First-home buyer numbers surge


Housing finance

  • Number of home loans: The number of loans (commitments) by home owners (owner-occupiers) fell by 0.9 per cent in November after rising by 2.1 per cent in October (the largest gain in 12 months).
  • First home buyers active: The proportion of first-time buyers in the home loan market rose from 18.1 per cent in October to a 6-year high of 18.3 per cent in November (decade-average 17.7 per cent).

The home lending figures have implications for builders, housing-reliant businesses, finance providers, retailers, and companies dependent on consumer and business spending.

What does it all mean?

  • In November, almost 10,500 first-home buyers took out a home loan, just off the highest number in almost nine years. And as a proportion of all buyers, the share of first-home buyers is at 6-year highs. Clearly these buyers are celebrating the greater choice of properties on the market, more attractive prices and super-low interest rates.
  • Over the year to November, almost $238 billion in loans were taken up by owner-occupiers to buy property, just below the all-time high of $240 billion in the year to August.

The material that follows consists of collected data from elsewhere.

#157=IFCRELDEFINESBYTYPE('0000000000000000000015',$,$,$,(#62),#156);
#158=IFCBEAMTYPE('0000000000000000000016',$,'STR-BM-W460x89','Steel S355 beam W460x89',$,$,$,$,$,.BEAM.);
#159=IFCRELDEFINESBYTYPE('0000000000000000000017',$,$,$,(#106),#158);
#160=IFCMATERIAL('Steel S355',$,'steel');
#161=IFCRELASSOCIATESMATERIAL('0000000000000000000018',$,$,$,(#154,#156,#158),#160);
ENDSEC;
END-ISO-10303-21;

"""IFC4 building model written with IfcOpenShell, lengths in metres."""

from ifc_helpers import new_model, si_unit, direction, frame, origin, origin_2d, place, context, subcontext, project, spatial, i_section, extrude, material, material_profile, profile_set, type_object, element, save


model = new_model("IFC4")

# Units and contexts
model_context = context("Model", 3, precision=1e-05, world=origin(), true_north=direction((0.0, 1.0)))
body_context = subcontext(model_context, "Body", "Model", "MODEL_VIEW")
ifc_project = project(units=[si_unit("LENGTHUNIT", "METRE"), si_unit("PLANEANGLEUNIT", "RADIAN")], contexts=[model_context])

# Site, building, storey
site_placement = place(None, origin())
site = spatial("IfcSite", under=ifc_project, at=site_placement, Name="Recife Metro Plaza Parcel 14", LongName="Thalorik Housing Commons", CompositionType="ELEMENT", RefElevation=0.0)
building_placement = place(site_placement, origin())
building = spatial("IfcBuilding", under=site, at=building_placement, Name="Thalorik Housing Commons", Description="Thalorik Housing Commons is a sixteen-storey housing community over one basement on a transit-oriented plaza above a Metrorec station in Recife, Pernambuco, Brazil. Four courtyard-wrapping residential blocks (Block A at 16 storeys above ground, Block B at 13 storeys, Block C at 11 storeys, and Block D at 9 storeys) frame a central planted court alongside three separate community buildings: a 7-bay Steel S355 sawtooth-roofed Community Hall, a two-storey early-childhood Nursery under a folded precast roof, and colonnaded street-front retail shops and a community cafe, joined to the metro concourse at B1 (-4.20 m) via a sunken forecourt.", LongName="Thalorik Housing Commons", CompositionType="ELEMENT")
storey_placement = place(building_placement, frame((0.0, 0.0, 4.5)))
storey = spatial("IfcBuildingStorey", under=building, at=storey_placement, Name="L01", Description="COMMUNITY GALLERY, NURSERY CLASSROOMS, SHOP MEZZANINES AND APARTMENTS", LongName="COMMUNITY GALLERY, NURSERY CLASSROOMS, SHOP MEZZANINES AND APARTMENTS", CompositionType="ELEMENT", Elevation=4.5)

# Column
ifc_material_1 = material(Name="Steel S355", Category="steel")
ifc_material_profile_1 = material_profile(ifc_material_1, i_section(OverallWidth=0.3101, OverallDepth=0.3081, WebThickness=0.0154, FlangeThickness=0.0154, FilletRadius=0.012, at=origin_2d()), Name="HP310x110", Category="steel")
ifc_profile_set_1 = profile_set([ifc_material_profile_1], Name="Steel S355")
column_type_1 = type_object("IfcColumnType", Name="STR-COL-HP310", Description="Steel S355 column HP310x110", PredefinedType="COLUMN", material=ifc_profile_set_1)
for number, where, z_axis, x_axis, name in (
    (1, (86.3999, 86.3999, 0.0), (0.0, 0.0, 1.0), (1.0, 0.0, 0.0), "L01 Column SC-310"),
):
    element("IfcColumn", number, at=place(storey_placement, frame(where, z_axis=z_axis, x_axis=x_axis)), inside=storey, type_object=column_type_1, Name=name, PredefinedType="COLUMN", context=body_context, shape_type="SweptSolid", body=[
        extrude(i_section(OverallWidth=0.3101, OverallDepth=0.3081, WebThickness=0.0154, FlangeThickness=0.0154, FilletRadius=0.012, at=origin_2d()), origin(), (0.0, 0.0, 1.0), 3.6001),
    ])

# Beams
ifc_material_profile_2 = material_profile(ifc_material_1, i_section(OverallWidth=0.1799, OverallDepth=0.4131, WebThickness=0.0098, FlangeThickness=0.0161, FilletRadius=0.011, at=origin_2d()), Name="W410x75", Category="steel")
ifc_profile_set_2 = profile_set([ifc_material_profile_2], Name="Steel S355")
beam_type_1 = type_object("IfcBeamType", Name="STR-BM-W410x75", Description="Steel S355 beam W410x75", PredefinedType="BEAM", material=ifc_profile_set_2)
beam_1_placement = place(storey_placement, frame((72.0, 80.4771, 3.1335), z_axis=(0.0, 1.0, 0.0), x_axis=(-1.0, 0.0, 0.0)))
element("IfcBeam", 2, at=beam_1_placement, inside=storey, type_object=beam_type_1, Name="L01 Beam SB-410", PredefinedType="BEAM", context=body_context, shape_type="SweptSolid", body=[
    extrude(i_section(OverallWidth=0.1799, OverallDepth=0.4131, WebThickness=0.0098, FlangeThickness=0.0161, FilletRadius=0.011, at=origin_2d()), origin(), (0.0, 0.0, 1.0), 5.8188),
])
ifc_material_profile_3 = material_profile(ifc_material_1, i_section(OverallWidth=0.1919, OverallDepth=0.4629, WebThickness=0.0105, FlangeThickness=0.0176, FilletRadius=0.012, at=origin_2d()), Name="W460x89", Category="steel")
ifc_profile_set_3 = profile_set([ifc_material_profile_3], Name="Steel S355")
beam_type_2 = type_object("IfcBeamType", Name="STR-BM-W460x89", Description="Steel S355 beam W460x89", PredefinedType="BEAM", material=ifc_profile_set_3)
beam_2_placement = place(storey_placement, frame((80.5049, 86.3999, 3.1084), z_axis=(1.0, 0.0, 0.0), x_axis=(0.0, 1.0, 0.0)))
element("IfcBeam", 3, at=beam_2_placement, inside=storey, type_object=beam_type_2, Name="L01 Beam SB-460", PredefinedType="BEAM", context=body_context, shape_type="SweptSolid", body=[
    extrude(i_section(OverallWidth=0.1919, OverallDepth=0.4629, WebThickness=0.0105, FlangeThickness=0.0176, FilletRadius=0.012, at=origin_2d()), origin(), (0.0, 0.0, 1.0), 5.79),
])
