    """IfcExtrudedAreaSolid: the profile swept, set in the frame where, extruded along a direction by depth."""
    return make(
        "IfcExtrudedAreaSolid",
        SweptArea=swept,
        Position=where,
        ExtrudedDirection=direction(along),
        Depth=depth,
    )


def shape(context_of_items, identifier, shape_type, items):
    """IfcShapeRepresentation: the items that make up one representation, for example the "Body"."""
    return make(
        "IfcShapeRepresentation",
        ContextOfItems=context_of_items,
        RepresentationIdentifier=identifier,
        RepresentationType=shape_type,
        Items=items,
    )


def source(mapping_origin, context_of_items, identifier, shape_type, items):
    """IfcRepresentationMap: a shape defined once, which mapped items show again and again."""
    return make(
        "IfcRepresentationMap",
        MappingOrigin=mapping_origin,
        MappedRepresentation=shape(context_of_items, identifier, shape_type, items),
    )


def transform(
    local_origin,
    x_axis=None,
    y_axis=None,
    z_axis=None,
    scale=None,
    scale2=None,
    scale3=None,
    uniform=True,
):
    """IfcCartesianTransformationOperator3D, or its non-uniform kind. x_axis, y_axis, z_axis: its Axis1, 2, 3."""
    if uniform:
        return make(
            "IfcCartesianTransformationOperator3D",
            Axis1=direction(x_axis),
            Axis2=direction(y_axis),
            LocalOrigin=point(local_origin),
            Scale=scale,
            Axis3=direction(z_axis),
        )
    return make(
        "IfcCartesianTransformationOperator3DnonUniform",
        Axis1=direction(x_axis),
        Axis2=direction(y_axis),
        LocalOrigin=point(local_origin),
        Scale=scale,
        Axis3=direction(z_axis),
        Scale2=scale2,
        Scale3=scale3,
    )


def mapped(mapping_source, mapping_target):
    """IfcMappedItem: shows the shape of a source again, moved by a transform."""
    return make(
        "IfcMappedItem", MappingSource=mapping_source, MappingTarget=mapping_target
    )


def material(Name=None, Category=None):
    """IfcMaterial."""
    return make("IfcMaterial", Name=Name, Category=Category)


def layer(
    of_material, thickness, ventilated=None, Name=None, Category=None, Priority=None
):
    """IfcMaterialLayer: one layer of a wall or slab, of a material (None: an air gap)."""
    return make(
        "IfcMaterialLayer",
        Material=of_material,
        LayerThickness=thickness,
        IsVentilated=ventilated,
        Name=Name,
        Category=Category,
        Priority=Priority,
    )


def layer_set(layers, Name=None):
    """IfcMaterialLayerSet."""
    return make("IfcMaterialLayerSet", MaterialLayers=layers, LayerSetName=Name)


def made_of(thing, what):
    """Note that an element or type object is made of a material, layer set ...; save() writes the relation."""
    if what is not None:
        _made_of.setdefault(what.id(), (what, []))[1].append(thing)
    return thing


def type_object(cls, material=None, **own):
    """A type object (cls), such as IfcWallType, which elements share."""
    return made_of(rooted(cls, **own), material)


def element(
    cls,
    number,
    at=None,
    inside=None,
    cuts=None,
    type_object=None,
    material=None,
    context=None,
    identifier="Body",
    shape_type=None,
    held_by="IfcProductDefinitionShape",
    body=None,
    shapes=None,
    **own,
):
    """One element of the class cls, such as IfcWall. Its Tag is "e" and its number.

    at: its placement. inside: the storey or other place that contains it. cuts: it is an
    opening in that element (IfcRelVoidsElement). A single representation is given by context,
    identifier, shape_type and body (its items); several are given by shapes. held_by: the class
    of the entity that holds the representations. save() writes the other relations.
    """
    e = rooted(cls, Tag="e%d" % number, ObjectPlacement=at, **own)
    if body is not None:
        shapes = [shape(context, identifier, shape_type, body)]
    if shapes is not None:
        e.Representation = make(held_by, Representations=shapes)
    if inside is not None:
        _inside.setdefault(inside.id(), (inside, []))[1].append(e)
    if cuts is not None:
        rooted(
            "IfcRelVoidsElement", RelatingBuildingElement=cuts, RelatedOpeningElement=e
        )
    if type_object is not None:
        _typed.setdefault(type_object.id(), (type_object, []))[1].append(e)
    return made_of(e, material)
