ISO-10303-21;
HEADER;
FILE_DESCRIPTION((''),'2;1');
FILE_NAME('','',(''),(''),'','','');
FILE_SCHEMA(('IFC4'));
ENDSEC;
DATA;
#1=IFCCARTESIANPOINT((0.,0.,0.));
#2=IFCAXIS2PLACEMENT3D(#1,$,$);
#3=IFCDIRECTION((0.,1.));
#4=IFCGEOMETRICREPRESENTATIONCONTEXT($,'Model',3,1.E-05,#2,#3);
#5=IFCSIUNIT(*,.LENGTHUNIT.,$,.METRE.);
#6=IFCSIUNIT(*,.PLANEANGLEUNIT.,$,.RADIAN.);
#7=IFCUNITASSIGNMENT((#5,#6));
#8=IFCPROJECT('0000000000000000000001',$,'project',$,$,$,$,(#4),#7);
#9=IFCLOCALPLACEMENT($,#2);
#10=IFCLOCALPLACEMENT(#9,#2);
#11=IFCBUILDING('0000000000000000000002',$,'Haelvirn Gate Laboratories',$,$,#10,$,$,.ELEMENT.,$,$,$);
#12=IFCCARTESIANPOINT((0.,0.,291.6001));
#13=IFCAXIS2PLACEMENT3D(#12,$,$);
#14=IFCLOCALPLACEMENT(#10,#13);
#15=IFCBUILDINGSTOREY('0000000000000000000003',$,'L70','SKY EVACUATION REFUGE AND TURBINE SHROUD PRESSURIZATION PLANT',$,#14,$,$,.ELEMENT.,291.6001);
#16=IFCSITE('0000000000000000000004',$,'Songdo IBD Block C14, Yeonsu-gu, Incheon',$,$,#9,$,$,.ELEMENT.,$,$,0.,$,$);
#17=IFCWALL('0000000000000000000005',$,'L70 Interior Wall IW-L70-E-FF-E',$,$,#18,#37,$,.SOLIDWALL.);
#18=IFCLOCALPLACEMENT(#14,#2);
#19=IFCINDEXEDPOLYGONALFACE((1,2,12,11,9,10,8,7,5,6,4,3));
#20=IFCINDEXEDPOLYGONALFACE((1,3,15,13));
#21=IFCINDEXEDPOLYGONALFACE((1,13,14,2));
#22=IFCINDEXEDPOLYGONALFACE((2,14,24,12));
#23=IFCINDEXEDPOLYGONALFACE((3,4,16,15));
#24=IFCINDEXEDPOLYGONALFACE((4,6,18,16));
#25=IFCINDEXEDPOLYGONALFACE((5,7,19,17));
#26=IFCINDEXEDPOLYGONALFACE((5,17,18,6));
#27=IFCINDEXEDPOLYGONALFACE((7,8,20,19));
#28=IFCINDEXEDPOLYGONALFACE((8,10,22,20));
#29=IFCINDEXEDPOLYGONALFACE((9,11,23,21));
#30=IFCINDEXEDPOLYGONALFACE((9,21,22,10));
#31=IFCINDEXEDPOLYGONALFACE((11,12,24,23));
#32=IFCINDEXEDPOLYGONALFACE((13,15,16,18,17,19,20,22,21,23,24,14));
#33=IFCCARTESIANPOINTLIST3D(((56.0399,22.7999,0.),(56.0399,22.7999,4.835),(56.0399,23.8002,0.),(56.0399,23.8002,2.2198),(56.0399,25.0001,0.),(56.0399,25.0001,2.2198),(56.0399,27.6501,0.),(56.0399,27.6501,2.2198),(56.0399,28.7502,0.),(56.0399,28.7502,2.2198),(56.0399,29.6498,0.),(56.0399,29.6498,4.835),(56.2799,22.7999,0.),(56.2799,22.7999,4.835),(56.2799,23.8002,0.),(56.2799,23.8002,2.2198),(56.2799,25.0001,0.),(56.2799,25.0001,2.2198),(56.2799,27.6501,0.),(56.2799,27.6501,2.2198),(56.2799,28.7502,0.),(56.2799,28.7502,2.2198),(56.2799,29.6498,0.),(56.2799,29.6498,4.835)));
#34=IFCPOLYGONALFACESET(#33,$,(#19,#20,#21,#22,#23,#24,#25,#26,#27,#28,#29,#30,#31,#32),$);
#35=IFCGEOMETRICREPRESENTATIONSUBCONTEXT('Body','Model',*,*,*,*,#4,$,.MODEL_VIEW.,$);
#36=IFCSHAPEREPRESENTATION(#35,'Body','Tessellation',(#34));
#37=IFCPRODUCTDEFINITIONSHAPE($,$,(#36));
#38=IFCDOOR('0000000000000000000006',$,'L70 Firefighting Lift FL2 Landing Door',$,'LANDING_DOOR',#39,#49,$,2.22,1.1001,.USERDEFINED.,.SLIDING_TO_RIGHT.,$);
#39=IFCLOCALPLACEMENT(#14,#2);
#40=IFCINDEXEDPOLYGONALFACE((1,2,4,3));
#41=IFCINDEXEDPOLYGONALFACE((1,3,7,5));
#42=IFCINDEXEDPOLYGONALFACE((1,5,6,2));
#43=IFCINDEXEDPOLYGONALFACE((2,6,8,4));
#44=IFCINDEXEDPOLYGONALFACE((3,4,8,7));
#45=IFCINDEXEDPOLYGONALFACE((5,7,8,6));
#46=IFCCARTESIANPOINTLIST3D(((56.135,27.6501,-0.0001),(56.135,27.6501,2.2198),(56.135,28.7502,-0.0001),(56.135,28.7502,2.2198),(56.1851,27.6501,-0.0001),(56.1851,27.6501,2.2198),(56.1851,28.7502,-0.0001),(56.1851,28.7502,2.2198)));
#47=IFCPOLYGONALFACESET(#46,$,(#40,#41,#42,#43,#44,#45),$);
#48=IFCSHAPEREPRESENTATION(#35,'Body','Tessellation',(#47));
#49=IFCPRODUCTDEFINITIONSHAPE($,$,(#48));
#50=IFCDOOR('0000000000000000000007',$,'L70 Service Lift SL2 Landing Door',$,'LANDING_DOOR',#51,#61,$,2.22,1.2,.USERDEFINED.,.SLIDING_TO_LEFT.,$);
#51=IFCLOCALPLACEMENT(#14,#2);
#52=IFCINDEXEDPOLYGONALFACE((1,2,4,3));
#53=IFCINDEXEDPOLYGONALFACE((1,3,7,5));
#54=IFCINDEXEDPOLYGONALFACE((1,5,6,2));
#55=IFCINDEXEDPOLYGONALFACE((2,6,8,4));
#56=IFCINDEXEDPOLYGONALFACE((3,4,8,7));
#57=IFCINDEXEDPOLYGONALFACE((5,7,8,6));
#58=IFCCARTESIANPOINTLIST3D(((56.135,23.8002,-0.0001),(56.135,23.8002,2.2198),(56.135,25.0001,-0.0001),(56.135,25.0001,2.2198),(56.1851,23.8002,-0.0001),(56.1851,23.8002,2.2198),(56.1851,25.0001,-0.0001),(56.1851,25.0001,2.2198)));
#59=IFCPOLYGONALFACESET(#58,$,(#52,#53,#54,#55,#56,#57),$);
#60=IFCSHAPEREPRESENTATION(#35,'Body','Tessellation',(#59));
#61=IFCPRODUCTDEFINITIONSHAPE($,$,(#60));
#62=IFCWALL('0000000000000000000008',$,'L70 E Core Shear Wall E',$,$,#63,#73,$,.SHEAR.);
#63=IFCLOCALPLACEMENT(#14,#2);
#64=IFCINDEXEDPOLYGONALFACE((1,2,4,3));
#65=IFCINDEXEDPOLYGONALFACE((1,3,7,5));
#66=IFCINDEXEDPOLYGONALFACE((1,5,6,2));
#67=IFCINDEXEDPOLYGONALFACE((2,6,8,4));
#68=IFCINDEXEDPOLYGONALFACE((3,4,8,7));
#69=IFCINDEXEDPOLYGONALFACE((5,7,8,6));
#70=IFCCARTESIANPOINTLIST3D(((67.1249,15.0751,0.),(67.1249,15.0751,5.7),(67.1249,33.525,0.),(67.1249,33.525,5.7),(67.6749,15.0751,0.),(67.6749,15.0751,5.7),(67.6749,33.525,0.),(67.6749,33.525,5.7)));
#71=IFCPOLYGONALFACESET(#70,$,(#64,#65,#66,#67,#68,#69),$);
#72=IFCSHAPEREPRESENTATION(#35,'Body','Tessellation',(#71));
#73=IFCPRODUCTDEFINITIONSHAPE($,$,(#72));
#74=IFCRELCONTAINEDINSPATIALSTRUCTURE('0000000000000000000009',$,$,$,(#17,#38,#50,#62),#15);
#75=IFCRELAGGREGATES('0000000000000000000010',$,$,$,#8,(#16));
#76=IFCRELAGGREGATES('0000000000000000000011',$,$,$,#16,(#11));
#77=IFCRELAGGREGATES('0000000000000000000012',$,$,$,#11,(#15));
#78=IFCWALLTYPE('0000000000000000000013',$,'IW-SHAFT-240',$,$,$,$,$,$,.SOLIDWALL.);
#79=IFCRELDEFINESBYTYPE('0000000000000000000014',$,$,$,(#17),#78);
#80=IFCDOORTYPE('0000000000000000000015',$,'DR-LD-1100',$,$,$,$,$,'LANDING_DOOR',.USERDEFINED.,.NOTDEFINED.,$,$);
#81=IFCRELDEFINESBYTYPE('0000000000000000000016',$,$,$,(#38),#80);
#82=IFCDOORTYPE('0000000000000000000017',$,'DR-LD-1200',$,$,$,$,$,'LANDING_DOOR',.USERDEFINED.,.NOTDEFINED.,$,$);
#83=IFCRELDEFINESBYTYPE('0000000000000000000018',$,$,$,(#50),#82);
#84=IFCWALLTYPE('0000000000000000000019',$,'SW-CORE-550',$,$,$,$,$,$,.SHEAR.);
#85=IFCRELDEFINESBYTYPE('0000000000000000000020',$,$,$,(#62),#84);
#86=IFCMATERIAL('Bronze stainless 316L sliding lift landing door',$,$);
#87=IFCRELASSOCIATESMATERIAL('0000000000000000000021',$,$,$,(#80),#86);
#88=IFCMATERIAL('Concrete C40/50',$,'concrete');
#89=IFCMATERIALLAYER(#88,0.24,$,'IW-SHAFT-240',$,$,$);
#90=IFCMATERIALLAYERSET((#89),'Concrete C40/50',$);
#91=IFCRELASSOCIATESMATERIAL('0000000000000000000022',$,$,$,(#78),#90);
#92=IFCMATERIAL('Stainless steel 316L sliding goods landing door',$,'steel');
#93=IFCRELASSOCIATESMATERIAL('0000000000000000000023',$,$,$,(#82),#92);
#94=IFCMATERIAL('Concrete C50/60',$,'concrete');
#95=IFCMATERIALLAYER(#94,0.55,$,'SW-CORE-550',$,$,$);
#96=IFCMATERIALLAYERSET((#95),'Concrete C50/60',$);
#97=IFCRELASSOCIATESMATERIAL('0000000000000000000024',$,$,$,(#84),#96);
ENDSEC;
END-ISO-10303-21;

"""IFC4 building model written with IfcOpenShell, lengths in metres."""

from ifc_helpers import new_model, si_unit, direction, frame, frame_2d, origin, place, context, subcontext, project, spatial, rectangle, extrude, source, transform, mapped, material, layer, layer_set, type_object, type_shapes, element, fill, save


model = new_model("IFC4")

# Units and contexts
model_context = context("Model", 3, precision=1e-05, world=origin(), true_north=direction((0.0, 1.0)))
body_context = subcontext(model_context, "Body", "Model", "MODEL_VIEW")
ifc_project = project(units=[si_unit("LENGTHUNIT", "METRE"), si_unit("PLANEANGLEUNIT", "RADIAN")], contexts=[model_context])

# Site, building, storey
site_placement = place(None, origin())
site = spatial("IfcSite", under=ifc_project, at=site_placement, Name="Songdo IBD Block C14, Yeonsu-gu, Incheon", CompositionType="ELEMENT", RefElevation=0.0)
building_placement = place(site_placement, origin())
building = spatial("IfcBuilding", under=site, at=building_placement, Name="Haelvirn Gate Laboratories", CompositionType="ELEMENT")
storey_placement = place(building_placement, frame((0.0, 0.0, 291.6001)))
storey = spatial("IfcBuildingStorey", under=building, at=storey_placement, Name="L70", Description="SKY EVACUATION REFUGE AND TURBINE SHROUD PRESSURIZATION PLANT", CompositionType="ELEMENT", Elevation=291.6001)

# Shared definitions
ifc_material_1 = material(Name="Concrete C50/60", Category="concrete")

# Shared definitions
ifc_material_2 = material(Name="Concrete C40/50", Category="concrete")

# Shared definitions
ifc_material_3 = material(Name="Bronze stainless 316L sliding lift landing door")
door_type_1 = type_object("IfcDoorType", Name="DR-LD-1100", ElementType="LANDING_DOOR", OperationType="NOTDEFINED", PredefinedType="USERDEFINED", material=ifc_material_3)
shared_shape_1 = source(origin(), body_context, "Body", "SweptSolid", [
    extrude(rectangle(XDim=1.1001, YDim=2.22, at=frame_2d((0.55, 1.1099))), frame((0.0, 0.0249, 0.0), z_axis=(0.0, -1.0, 0.0), x_axis=(1.0, 0.0, 0.0)), (0.0, 0.0, 1.0), 0.05),
])
type_shapes(door_type_1, [shared_shape_1])

# Wall, openings, doors
ifc_layer_1 = layer(ifc_material_2, 0.24, Name="IW-SHAFT-240")
ifc_layer_set_1 = layer_set([ifc_layer_1], Name="Concrete C40/50")
wall_type_1 = type_object("IfcWallType", Name="IW-SHAFT-240", PredefinedType="SOLIDWALL", material=ifc_layer_set_1)
wall_1_placement = place(storey_placement, frame((56.1599, 22.8, 0.0), z_axis=(0.0, 0.0, 1.0), x_axis=(0.0, 1.0, 0.0)))
wall_1 = element("IfcWall", 1, at=wall_1_placement, inside=storey, type_object=wall_type_1, Name="L70 Interior Wall IW-L70-E-FF-E", PredefinedType="SOLIDWALL", context=body_context, shape_type="SweptSolid", body=[
    extrude(rectangle(XDim=6.8499, YDim=0.24, at=frame_2d((3.4248, 0.0))), origin(), (0.0, 0.0, 1.0), 4.835),
])
opening_1_placement = place(wall_1_placement, frame((4.8501, 0.0, 0.0)))
opening_1 = element("IfcOpeningElement", 2, at=opening_1_placement, cuts=wall_1, PredefinedType="OPENING", context=body_context, shape_type="SweptSolid", body=[
    extrude(rectangle(XDim=1.1001, YDim=2.22, at=frame_2d((0.55, 1.1099))), frame((0.0, 0.1299, 0.0), z_axis=(0.0, -1.0, 0.0), x_axis=(1.0, 0.0, 0.0)), (0.0, 0.0, 1.0), 0.26),
])
opening_2_placement = place(wall_1_placement, frame((1.0, 0.0, 0.0)))
opening_2 = element("IfcOpeningElement", 3, at=opening_2_placement, cuts=wall_1, PredefinedType="OPENING", context=body_context, shape_type="SweptSolid", body=[
    extrude(rectangle(XDim=1.2, YDim=2.22, at=frame_2d((0.6001, 1.1099))), frame((0.0, 0.1299, 0.0), z_axis=(0.0, -1.0, 0.0), x_axis=(1.0, 0.0, 0.0)), (0.0, 0.0, 1.0), 0.26),
])
door_1_placement = place(opening_1_placement, origin())
door_1 = element("IfcDoor", 4, at=door_1_placement, inside=storey, type_object=door_type_1, Name="L70 Firefighting Lift FL2 Landing Door", ObjectType="LANDING_DOOR", OperationType="SLIDING_TO_RIGHT", OverallHeight=2.22, OverallWidth=1.1001, PredefinedType="USERDEFINED", context=body_context, shape_type="MappedRepresentation", body=[
    mapped(shared_shape_1, transform((0.0, 0.0, 0.0), scale=1.0)),
])
fill(opening_1, door_1)
ifc_material_4 = material(Name="Stainless steel 316L sliding goods landing door", Category="steel")
door_type_2 = type_object("IfcDoorType", Name="DR-LD-1200", ElementType="LANDING_DOOR", OperationType="NOTDEFINED", PredefinedType="USERDEFINED", material=ifc_material_4)
shared_shape_2 = source(origin(), body_context, "Body", "SweptSolid", [
    extrude(rectangle(XDim=1.2, YDim=2.22, at=frame_2d((0.6001, 1.1099))), frame((0.0, 0.0249, 0.0), z_axis=(0.0, -1.0, 0.0), x_axis=(1.0, 0.0, 0.0)), (0.0, 0.0, 1.0), 0.05),
])
type_shapes(door_type_2, [shared_shape_2])
door_2_placement = place(opening_2_placement, origin())
door_2 = element("IfcDoor", 5, at=door_2_placement, inside=storey, type_object=door_type_2, Name="L70 Service Lift SL2 Landing Door", ObjectType="LANDING_DOOR", OperationType="SLIDING_TO_LEFT", OverallHeight=2.22, OverallWidth=1.2, PredefinedType="USERDEFINED", context=body_context, shape_type="MappedRepresentation", body=[
    mapped(shared_shape_2, transform((0.0, 0.0, 0.0), scale=1.0)),
])
fill(opening_2, door_2)

# Wall
ifc_layer_2 = layer(ifc_material_1, 0.55, Name="SW-CORE-550")
ifc_layer_set_2 = layer_set([ifc_layer_2], Name="Concrete C50/60")
wall_type_2 = type_object("IfcWallType", Name="SW-CORE-550", PredefinedType="SHEAR", material=ifc_layer_set_2)
wall_2_placement = place(storey_placement, frame((67.3999, 15.075, 0.0), z_axis=(0.0, 0.0, 1.0), x_axis=(0.0, 1.0, 0.0)))
element("IfcWall", 6, at=wall_2_placement, inside=storey, type_object=wall_type_2, Name="L70 E Core Shear Wall E", PredefinedType="SHEAR", context=body_context, shape_type="SweptSolid", body=[
    extrude(rectangle(XDim=18.45, YDim=0.55, at=frame_2d((9.2251, 0.0))), origin(), (0.0, 0.0, 1.0), 5.7),
])

save(model, "model.ifc")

While investors have retreated from the market on the belief that price gains will be harder to achieve, budding home owners are still out in force.
  • The number of owner-occupier home loan borrowers in Tasmania stands at 6½-year highs in trend terms with ACT borrowers at record highs, South Australian borrowers are at 18-month highs and Western Australian borrowers at 10-month highs. Too much focus is placed on NSW and Victoria when housing markets in many other parts of the country are doing well.
  • It is important that investors don’t get duped by ‘lazy analyses. That is, analysis that assumes trends in aggregate national figures apply across all market sectors and regional economies. As data released yesterday shows, the number of homes being built at present is just off all-time highs. And there are still healthy numbers of budding home owners in the market, especially amongst first-home seekers.

What do the figures show?

Housing finance – November, number

  • The number of loans (commitments) by home owners (owner-occupiers) fell by 0.9 per cent in November after rising by 2.1 per cent in October (the largest gain in 12 months). But loans are down by 7.9 per cent on the year.
  • Excluding refinancing, new loans fell by 0.5 per cent after rising 2.3 per cent in October.
  • Loans by owner-occupiers for the construction of homes fell by 2 per cent after lifting 3.3 per cent in October.
  • Loans to buy newly-erected dwellings rose by 3.4 per cent – first gain in six months.
  • Loans for the purchase of established dwellings (excluding refinancing) fell by 0.6 per cent after rising 2.3 per cent in October.
  • The number of refinancing transactions fell by 1.1 per cent.
  • Changes in home loans across the country: NSW (down 1.5 per cent); Victoria (up 0.7 per cent); Queensland (down 0.7 per cent); South Australia (down 0.8 per cent); Western Australia (up 2.4 per cent); Tasmania (down 9.2 per cent); Northern Territory (up 22.4 per cent); ACT (down 0.6 per cent)

Housing finance – November, value

  •  The value of new housing commitments (owner occupier and investment) fell by 2.5 per cent.
  • Owner-occupier loans fell by 1.5 per cent while Investment loans fell by 4.5 per cent. Over the year to November investor loans are down by 23.4 per cent and owner-occupier loans have fallen 7.3 per cent.
  • The value of loans by owner-occupiers and investors to build new homes fell 7.2 per cent in November to $2.6 billion after rising 5.8 per cent in October.

Housing finance – November, other statistics

  • The value of cancelled loans totalled $1.41 billion up from $1.33 billion a year earlier.
  • Commitments actually advanced (loans made) totalled $20.66 billion, down from $21.55 billion a year earlier.
  • The proportion of first-time buyers in the home loan market rose from 18.1 per cent in October to 6-year highs of 18.3 per cent (decade-average 17.7 per cent).
  • The proportion of fixed rate loans rose from 16.3 per cent to a 14-month high of 16.9 per cent.
  • And the average home loan across Australia was $384,700, down 1.1 per cent on the year.

What is the importance of the economic data?

  • Housing Finance data is produced monthly by the Bureau of Statistics and shows commitments by lenders, such as banks, to provide finance for housing purposes. The lending figures relate to those looking to buy or build homes to live in as well as those seeking to buy or build homes for investment purposes. Generally people get their finance organised first, so the figures are regarded as a leading indicator on the housing market.

What are the implications for interest rates and investors?

  • Builders and real estate agents will face differing prospects depending on their location. At present five of the eight states and territories are showing monthly gains in home loans in trend terms. NSW, Victoria and Queensland are in the downturn phase of the cycle.
  • Almost 17 per cent of borrowers opted for fixed-term loans in November, a 14-month high. Borrowers that took out 3-year fixed loans in 2015 and 2016 are seeing a major improvement in their budgetary situation when rolling over loans.
  • CommSec expects no change in official interest rates until late in 2019 at the earliest.